Now, three years into his term, we have the largest investment in our infrastructure since the 1950s, done on a bipartisan basis. We have the most significant gun safety legislation passed on a bipartisan basis since the 1990s, the largest expansion of health care since the passage of the Affordable Care Act, and of course, the most significant investment in combating climate change in our nation’s history. That is a record that Democrats should be proud of.

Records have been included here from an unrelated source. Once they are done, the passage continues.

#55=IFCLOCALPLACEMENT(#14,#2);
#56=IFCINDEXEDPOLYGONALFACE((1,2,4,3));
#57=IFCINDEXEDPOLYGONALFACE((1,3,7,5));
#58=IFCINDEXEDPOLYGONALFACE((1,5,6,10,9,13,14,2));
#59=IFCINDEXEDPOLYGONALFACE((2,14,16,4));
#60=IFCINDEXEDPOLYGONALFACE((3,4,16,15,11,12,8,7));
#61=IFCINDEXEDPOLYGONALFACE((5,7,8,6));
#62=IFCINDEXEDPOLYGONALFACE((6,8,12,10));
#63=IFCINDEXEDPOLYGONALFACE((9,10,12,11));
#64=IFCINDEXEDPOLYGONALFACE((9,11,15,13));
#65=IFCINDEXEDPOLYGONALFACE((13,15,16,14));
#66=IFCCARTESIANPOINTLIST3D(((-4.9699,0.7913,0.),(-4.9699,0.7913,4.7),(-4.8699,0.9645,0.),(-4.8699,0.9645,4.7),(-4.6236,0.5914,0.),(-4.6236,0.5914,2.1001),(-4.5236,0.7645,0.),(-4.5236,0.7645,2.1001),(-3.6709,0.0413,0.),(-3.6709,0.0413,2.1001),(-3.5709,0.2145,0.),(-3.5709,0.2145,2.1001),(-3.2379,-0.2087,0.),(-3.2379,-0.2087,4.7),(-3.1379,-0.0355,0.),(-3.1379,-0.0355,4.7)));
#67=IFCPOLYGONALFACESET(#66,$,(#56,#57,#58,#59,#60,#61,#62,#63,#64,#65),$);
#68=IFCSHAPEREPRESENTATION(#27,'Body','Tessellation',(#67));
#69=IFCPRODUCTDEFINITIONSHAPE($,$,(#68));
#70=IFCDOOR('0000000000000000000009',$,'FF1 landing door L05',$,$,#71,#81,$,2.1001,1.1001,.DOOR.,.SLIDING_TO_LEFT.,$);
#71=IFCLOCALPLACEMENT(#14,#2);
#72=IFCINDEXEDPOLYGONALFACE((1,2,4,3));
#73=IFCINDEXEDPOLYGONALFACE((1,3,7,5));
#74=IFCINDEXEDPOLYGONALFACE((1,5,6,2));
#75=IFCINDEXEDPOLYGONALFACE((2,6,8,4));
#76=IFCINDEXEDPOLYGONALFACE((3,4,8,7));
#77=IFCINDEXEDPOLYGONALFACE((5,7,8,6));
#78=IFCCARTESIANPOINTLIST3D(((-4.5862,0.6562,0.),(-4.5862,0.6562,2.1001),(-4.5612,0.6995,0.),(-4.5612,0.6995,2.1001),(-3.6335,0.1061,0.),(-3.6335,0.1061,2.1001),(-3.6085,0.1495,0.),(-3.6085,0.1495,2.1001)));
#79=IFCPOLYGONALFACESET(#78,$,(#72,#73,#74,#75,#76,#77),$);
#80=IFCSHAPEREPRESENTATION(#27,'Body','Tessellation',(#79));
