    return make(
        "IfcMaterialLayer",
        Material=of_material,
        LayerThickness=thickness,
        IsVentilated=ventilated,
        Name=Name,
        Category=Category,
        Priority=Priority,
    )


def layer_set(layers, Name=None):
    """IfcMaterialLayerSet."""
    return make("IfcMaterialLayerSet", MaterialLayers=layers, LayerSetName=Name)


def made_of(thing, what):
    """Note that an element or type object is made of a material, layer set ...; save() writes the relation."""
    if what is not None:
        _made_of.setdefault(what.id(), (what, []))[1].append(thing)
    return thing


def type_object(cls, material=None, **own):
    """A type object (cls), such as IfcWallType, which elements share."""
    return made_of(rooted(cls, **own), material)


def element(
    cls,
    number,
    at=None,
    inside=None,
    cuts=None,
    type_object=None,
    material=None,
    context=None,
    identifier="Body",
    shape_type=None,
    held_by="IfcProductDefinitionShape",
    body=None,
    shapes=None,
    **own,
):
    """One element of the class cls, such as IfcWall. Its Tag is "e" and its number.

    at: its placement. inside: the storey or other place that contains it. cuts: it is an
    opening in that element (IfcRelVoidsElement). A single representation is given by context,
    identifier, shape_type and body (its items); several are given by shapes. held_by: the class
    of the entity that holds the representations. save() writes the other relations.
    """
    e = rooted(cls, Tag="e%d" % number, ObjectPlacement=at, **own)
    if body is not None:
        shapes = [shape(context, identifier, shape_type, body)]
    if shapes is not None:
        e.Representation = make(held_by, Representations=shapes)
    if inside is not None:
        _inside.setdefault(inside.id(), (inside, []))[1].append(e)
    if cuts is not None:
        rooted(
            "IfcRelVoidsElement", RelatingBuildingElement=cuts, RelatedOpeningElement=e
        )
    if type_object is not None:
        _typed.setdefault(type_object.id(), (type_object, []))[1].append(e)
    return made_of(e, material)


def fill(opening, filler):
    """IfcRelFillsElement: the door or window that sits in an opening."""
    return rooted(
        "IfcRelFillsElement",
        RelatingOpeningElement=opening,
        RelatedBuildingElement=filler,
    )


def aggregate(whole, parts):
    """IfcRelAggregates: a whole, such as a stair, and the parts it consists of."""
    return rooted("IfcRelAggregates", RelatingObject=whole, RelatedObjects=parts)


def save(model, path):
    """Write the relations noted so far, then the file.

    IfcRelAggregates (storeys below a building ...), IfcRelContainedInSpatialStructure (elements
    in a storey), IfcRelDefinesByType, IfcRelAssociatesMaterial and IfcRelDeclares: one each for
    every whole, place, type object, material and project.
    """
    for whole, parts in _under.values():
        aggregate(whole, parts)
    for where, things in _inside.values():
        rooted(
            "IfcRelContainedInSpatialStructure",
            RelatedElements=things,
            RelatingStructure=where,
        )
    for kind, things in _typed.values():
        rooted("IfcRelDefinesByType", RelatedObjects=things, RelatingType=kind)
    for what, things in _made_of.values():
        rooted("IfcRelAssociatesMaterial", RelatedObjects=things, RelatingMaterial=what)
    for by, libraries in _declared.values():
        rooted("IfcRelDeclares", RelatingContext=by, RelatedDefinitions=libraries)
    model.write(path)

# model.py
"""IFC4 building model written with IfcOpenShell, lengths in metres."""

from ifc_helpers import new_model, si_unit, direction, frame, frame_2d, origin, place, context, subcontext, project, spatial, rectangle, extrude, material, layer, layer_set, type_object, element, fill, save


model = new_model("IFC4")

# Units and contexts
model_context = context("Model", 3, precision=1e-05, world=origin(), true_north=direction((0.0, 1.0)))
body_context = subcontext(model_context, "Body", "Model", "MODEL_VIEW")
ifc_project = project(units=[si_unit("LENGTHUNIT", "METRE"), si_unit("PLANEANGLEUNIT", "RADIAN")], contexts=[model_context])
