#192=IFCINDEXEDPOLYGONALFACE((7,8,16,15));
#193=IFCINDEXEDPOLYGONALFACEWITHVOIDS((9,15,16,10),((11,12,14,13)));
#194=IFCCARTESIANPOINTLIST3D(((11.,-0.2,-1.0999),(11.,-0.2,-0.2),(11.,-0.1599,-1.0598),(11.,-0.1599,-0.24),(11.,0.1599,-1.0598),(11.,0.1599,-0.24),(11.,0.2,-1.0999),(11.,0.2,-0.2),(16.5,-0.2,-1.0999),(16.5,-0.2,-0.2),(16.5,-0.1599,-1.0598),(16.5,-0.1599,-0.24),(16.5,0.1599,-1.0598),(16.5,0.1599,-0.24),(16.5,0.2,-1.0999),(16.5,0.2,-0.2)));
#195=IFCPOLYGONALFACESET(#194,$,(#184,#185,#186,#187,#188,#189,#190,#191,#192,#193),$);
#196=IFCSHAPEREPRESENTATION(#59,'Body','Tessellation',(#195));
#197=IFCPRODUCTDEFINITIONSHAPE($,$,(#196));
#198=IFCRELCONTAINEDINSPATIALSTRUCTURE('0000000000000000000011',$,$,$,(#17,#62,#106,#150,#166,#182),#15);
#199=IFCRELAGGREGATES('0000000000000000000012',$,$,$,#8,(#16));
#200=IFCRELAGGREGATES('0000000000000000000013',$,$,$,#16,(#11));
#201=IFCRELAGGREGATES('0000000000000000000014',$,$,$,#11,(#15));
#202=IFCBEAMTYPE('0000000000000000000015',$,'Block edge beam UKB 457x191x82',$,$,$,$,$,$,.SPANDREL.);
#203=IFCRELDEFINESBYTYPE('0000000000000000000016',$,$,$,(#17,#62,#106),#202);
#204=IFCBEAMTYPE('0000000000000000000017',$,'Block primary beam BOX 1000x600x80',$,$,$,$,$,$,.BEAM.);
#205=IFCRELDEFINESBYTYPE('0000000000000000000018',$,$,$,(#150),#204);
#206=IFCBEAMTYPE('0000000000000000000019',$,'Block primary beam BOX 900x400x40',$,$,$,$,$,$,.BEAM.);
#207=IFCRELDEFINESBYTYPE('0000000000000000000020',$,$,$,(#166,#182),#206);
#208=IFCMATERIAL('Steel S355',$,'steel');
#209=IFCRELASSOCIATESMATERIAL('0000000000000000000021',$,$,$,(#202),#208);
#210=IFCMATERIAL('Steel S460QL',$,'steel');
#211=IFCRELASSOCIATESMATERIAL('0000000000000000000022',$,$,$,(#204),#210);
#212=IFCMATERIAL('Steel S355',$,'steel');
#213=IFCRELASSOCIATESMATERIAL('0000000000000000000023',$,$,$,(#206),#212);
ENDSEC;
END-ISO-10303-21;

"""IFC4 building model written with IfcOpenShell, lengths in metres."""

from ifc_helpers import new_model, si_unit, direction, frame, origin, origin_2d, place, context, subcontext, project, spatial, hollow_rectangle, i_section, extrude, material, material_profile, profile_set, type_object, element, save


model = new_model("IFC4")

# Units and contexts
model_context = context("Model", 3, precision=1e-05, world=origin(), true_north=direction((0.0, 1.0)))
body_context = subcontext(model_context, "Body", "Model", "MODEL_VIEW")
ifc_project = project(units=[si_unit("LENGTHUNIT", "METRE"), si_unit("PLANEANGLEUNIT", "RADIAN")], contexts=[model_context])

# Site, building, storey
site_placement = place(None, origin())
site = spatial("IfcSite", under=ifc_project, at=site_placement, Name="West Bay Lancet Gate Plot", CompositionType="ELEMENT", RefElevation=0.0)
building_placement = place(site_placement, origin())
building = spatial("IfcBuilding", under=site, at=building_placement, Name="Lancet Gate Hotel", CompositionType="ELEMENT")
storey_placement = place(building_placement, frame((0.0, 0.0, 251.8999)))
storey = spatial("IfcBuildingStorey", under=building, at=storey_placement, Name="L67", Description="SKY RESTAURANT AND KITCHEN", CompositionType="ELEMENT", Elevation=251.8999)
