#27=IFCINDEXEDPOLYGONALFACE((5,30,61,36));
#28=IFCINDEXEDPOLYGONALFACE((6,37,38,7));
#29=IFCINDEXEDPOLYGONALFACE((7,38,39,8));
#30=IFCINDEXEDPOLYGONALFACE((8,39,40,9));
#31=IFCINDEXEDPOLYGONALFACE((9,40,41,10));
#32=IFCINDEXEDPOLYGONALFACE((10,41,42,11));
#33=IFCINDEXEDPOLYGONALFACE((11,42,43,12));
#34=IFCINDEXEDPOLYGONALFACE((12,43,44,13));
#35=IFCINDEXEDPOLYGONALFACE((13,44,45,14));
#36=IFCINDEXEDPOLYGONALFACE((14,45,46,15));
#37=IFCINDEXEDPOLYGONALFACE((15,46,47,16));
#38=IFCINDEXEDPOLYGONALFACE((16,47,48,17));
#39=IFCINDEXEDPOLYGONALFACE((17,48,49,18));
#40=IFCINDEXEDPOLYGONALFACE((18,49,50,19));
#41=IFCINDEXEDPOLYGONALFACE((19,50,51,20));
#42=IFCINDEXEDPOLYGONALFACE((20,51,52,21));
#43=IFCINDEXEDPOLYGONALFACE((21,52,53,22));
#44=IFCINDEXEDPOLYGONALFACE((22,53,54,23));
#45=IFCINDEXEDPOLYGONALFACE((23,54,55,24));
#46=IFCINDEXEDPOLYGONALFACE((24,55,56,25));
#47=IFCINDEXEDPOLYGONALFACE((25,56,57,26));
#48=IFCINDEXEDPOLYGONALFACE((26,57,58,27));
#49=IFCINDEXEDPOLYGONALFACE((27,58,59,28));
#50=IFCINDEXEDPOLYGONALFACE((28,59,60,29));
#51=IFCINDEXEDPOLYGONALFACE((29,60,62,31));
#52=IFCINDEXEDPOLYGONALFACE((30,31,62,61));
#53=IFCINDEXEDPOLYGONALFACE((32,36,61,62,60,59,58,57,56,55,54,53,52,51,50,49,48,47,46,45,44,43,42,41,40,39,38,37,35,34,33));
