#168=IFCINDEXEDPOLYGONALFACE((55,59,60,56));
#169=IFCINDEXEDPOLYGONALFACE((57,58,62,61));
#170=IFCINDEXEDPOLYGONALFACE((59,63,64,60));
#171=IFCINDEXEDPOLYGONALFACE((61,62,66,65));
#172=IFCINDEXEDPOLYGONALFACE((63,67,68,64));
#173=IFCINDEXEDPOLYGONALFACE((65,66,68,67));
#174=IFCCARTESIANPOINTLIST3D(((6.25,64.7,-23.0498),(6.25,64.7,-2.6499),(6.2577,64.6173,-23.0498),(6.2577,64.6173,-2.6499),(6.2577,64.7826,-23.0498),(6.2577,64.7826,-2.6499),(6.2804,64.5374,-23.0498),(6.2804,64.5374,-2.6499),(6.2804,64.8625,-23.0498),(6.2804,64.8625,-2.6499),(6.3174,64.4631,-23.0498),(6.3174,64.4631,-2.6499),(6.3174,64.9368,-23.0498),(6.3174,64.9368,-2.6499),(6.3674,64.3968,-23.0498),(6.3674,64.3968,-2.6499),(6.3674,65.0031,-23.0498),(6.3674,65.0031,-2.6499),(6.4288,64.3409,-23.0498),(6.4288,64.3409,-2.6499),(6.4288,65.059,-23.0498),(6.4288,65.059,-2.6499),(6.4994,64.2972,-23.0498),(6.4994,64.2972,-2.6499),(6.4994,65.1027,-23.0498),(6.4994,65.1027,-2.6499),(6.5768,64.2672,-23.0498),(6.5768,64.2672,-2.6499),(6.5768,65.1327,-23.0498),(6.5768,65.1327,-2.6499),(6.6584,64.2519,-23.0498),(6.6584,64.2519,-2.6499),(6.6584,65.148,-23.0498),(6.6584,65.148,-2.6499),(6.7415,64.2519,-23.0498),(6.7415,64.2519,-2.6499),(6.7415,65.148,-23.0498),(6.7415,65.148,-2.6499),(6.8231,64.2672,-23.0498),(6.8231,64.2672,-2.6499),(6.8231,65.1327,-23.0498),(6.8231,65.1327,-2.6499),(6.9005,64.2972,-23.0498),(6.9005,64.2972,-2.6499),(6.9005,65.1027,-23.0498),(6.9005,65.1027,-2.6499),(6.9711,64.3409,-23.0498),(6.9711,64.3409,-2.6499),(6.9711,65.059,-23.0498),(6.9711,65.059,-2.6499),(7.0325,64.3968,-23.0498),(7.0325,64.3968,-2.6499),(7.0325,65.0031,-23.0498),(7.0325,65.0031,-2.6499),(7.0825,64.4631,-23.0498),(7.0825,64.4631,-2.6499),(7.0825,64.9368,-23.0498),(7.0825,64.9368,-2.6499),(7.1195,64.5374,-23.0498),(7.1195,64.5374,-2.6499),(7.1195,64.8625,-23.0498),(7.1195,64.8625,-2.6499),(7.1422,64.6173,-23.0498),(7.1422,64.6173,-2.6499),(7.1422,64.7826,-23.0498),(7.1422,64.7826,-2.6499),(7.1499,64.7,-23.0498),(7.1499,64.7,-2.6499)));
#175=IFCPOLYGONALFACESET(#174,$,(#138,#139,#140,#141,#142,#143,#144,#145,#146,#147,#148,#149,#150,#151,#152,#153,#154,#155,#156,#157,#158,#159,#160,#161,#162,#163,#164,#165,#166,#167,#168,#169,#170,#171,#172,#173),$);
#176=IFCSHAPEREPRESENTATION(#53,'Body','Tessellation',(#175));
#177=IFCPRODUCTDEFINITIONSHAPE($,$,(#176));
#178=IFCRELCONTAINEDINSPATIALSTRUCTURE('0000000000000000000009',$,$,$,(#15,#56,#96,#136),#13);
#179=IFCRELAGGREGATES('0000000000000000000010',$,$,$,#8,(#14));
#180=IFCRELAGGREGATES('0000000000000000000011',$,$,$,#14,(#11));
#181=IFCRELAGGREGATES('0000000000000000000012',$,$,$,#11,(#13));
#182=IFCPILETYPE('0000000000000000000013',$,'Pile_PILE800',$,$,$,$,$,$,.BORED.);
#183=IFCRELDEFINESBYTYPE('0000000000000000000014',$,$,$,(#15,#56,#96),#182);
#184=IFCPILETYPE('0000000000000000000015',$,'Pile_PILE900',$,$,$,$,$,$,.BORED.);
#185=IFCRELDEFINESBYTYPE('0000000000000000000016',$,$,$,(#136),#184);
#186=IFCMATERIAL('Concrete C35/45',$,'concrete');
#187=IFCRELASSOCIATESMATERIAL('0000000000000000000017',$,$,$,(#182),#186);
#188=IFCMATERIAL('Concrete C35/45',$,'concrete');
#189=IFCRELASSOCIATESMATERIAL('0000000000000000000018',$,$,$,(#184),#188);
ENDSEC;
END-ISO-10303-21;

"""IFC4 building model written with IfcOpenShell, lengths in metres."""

Now, of course, there’s unfinished work. There were certainly elements of Build Back Better that didn’t pass. And I’m confident that the president is going to be running his reelection campaign, in large part, on passing those policies. I’m eager, as someone who has long worked with President Biden and worked with his son, our late Attorney General Beau Biden, to cast my vote in Congress to bring over the finish line those critical policies for families and workers across the country.
Sounds like you’re endorsing him?
Without hesitation and absolutely.
6. You do have a long history with the Bidens, including the president. Have you thought at all about what 2024 might mean for your race, in terms of Republicans trying to exploit your relationship with the president?
I’m proud that the president has never wavered in his clear commitment to equality for the entirety of the LGBTQ community and I’ve been moved every time the president talks about our friendship in public. I am confident that voters are going to see any attacks by Republicans to try to weaponize the president’s friendship with someone like me as cold-hearted, cruel, and once more a distraction from issues that voters actually care about.
So if Republicans seek to do that, I think voters will once again collectively shrug at the Republicans’ attempt to weaponize a vulnerable community for their own political gain. And once again, they will see that it’s not an effective strategy come Election Day.
7. At a time when trans rights are under assault and Republican lawmakers are using pretty charged rhetoric, have you given much thought to working with them in Congress?
I’ve certainly thought about what it’s going to be like to work with the full range of talent that exists in Congress, both those with incredible skills and those who aren’t representing the best values that exist in our country.
But the reality is, for democracy to work you have to be able to work with people who disagree with you on perhaps every other issue but the one before you.
I’m running because we need someone who’s willing to roll up their sleeves, dive into the details and work with anything to get things done because ultimately, the people of this state deserve nothing less. We can’t let the pettiness of politics get in the way of opportunities for progress.
8. If you had a moonshot policy idea or proposal that you could make happen right now, what would that be?
I believe that it is critical that the United States fill out the gaping hole in our social safety net by ensuring that every family has a cradle-through-career support system for their children, that lowers costs for families, improves outcomes for young people, and makes our society more competitive and compassionate.
That starts with paid leave. It continues through affordable child care and universal pre-K. It means better investments into our public schools, and of course, support for students who are either going on to two- or four-year college, or vocational training, or directly into the workforce.
That, to me, is one of the most important economic and moral issues of our time.
9. Back to reality: Given the very real limitations that exist in Congress, what’s something you feel you can’t change?
First of all, I reject the premise that there is something that we can absolutely not change.
But there are real, serious challenges we face as a society, from wealth disparities, to the challenge that comes with a civic society where we can’t have a shared conversation and a shared set of facts. There are real structural challenges that we as a society face, that we as a democracy face.
And ultimately at the core of a healthy democracy is the notion that government will be responsive to people, that democracy can work and function. And to do that we have to deliver for people.